Well Orville was in the beauty parlour for 3 days and what a job the guys at Marktschorgast did,he looks brand new with new decals and all his blemishes removed.Had to visit a local Merc. dealer on Friday as one of the rear brakes was binding due to corrosion,so started heading south on Saturday.Visited Der Freistaat @ Sulzemoos on Saturday and drooled over a Concorde Charisma III 850,was offered a great discount price as well.Stayed on their stellplatze overnight and left for another on the old Brenner pass road but both of my sat-nav's decided on different directions,so picked one,and guess what it was the wrong one.It sent me up a tiny road past the ski jump at Innsbruck,luckily enough there was abig bus in front of me so no panic.Because of this I ignored them when they tried to send me off in another direction than where I thought my next stop was,so suddenly here I was in Italy.Pressed on to a campsite I had been to before at Lana only to find it was full of Germans,seem's they are on holiday again.So decided to press on to Garda and Camping Butterfly,guess what full as well,headed along the coast to another site and spotted a sosta sign short of Sirmione.So here i'am for one night only,20 euro for a carpark,no thanks. :x


----------



## aldra (Jul 2, 2009)

we loved Italy 

Enjoy

Aldra


----------



## bigtree (Feb 3, 2007)

I would too if would stop raining.


----------



## bigtree (Feb 3, 2007)

Went to camping San Francesco for 3 nights,not the best site but needs must.Had a great weekend at Mugello MotoGP plus god camping at Mugello verde,long story but my neighbours left a 20l keg of beer with a good few pints left in it,hic.Went to La Futa camping so that I could ride the pass as it has been said the this is where Ducati test their bikes,the campsite is a the top of the pass,so it's downhill either way.Good riding apart from the state of the road,won't complain about British roads ever again.After trying to find Parco Storico di Monte Sole I gave up and headed for a Sosta in Bord Atlas to find that the access roads were restricted to vehicles of 2.2m width,so here i'am at Baia Verde after a recommendation from Russel of the good ship lollypop. :lol:


----------



## 1302 (Apr 4, 2006)

Its a shame you left Forges Les Eaux as you could have popped in their office to confirm that we did pay for three nights last year and not two and to stop sending us letters demanding that we owe then £6 ish

I;m not hard up enough to diddle someone out of a few quid.

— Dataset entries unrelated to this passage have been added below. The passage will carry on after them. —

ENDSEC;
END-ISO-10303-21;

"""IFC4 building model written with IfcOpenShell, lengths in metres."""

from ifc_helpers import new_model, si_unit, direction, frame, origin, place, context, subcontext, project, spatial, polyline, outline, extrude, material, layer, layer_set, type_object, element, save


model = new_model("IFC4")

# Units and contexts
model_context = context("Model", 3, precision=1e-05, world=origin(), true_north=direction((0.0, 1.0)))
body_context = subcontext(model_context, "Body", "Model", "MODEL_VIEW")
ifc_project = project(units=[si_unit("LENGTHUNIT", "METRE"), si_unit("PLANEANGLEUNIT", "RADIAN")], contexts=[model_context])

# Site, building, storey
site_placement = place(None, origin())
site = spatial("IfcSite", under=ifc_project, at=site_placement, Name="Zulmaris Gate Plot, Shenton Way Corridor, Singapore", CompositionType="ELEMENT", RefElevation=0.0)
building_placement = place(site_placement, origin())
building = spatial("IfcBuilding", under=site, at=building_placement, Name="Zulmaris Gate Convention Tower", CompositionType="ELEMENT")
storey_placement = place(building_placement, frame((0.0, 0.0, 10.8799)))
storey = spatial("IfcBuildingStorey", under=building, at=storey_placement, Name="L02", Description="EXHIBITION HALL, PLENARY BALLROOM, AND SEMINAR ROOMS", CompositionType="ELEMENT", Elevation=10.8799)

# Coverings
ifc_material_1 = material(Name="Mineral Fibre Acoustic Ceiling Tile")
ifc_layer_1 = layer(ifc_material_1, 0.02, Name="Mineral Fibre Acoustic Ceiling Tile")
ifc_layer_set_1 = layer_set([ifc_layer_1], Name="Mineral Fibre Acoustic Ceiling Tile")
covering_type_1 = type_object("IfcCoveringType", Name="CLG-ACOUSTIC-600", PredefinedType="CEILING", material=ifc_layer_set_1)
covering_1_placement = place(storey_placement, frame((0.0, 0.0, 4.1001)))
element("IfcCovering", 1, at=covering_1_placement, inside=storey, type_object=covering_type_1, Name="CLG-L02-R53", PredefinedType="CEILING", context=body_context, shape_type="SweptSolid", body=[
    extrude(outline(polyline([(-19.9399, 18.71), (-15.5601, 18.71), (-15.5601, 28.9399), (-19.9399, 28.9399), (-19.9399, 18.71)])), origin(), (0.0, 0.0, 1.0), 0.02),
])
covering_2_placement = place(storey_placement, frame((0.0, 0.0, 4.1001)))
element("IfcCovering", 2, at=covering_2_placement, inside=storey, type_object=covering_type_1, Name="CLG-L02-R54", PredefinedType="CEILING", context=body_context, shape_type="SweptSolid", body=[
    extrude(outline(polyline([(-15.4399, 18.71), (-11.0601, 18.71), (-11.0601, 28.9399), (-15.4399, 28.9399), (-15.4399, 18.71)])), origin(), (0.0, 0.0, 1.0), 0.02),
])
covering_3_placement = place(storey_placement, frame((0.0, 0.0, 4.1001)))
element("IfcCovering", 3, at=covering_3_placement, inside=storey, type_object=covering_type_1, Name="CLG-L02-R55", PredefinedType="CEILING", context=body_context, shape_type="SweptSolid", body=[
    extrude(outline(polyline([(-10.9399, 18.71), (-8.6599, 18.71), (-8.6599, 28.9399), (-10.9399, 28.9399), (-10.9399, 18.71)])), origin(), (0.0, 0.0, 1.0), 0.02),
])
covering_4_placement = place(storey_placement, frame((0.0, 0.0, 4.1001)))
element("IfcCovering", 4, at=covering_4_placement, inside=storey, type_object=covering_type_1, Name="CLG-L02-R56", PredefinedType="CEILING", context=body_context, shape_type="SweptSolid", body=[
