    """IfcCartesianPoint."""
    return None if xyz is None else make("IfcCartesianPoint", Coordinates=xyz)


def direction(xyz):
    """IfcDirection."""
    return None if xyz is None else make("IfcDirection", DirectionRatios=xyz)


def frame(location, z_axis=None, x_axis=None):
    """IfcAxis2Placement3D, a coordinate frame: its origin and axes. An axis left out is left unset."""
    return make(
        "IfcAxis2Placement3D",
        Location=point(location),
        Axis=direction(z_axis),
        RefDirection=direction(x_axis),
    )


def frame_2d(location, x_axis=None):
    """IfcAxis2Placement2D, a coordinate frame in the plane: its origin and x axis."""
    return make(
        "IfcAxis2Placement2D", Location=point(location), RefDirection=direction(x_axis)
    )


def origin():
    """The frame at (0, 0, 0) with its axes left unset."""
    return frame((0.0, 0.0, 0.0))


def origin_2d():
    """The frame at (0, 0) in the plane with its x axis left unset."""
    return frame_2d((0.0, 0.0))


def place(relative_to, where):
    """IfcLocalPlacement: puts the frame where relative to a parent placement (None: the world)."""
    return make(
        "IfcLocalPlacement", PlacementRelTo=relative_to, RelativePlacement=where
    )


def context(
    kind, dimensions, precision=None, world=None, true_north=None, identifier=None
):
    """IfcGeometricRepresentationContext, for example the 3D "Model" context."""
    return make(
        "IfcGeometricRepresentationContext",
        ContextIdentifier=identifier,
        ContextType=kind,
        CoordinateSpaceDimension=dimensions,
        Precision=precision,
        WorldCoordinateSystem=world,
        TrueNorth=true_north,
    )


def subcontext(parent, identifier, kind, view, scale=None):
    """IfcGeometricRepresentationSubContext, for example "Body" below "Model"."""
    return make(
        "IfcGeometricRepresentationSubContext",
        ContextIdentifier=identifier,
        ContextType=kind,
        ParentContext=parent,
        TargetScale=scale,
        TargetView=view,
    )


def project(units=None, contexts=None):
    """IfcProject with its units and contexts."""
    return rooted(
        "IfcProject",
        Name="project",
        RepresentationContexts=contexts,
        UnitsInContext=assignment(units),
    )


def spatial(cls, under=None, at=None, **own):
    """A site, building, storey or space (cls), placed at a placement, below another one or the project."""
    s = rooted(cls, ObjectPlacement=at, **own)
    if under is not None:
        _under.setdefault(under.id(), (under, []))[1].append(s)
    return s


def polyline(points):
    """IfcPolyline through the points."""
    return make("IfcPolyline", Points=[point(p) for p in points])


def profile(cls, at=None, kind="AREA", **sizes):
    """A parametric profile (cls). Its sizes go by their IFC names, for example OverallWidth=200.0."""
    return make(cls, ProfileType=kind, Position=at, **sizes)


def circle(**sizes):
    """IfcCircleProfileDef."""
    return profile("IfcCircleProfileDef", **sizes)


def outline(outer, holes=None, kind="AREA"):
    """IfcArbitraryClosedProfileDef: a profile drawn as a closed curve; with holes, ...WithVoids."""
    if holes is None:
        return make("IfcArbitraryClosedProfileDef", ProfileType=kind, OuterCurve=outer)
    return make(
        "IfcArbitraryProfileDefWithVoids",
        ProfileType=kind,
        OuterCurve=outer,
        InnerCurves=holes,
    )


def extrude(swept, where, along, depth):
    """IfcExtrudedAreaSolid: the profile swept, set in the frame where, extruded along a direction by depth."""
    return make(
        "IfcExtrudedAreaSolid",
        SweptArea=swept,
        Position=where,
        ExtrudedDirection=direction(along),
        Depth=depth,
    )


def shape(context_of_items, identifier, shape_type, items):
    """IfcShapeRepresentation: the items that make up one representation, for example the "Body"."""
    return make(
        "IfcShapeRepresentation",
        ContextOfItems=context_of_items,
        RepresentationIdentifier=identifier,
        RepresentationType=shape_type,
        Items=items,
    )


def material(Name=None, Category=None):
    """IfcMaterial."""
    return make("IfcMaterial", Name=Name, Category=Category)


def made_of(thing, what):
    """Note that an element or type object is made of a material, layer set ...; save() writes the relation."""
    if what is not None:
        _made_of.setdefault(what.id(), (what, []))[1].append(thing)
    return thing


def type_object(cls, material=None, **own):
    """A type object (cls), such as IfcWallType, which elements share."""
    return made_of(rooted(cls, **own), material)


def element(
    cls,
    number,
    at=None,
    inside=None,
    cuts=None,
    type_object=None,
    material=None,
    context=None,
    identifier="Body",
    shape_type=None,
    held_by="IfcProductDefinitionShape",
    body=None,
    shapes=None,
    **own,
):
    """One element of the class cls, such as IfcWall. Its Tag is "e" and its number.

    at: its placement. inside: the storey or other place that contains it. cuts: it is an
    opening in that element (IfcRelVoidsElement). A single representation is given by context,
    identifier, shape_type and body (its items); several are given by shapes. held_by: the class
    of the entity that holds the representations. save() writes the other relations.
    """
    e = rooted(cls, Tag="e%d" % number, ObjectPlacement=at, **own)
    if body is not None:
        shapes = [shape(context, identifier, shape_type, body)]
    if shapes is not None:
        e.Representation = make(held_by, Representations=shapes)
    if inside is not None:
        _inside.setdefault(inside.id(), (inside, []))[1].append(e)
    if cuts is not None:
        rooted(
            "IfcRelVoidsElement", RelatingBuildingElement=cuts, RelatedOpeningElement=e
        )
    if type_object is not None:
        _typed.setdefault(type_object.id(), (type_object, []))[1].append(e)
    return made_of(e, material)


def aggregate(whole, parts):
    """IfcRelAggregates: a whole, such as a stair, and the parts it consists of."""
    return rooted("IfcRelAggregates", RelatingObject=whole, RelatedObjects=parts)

We enjoyed our stay there and as our second night ever on an Aire is was all a bit daunting.

Enjoy your trip


----------



## bigtree (Feb 3, 2007)

I had no sooner arrived at Baia Verde when I bumped into 2 couples that were beside me at San Francesco,so had a great night catching up with them.Good thunderstorm during the night but it's now sunny and warm.


----------



## bigtree (Feb 3, 2007)

What should have been an easy drive from Garda to Pula turned into a bl***y disaster thanks to poor road signs and 2 sat-navs sending me up a mountain road instead of straight onto the motorway after the border crossing in Croatia.Sat at Camping Diana now,pleasant site in the ACSI guide.


----------



## simandme (Jan 11, 2011)

We've all been there..

though, in my case I was on the autoroute to Spain, instead of the minor road out of the town.  
Luckily my passenger took it in her stride. We eventually got off, before we had crossed the border. :lol: :lol: 

Enjoy your day of rest - sounds like you have earnt it! 8)


----------



## bigtree (Feb 3, 2007)

Yes thanks,it's a very relaxing site here and a pleasant breeze compared to the humidity at Lake Garda.


----------



## bigtree (Feb 3, 2007)

Quick post, back home and working on our latest rental property.Had a great trip but needs must,gotta get the money flowing for the next trip.Was working in the garden yesterday and a girl appeared asking if i was renting it,deal done,no need to advertise.


----------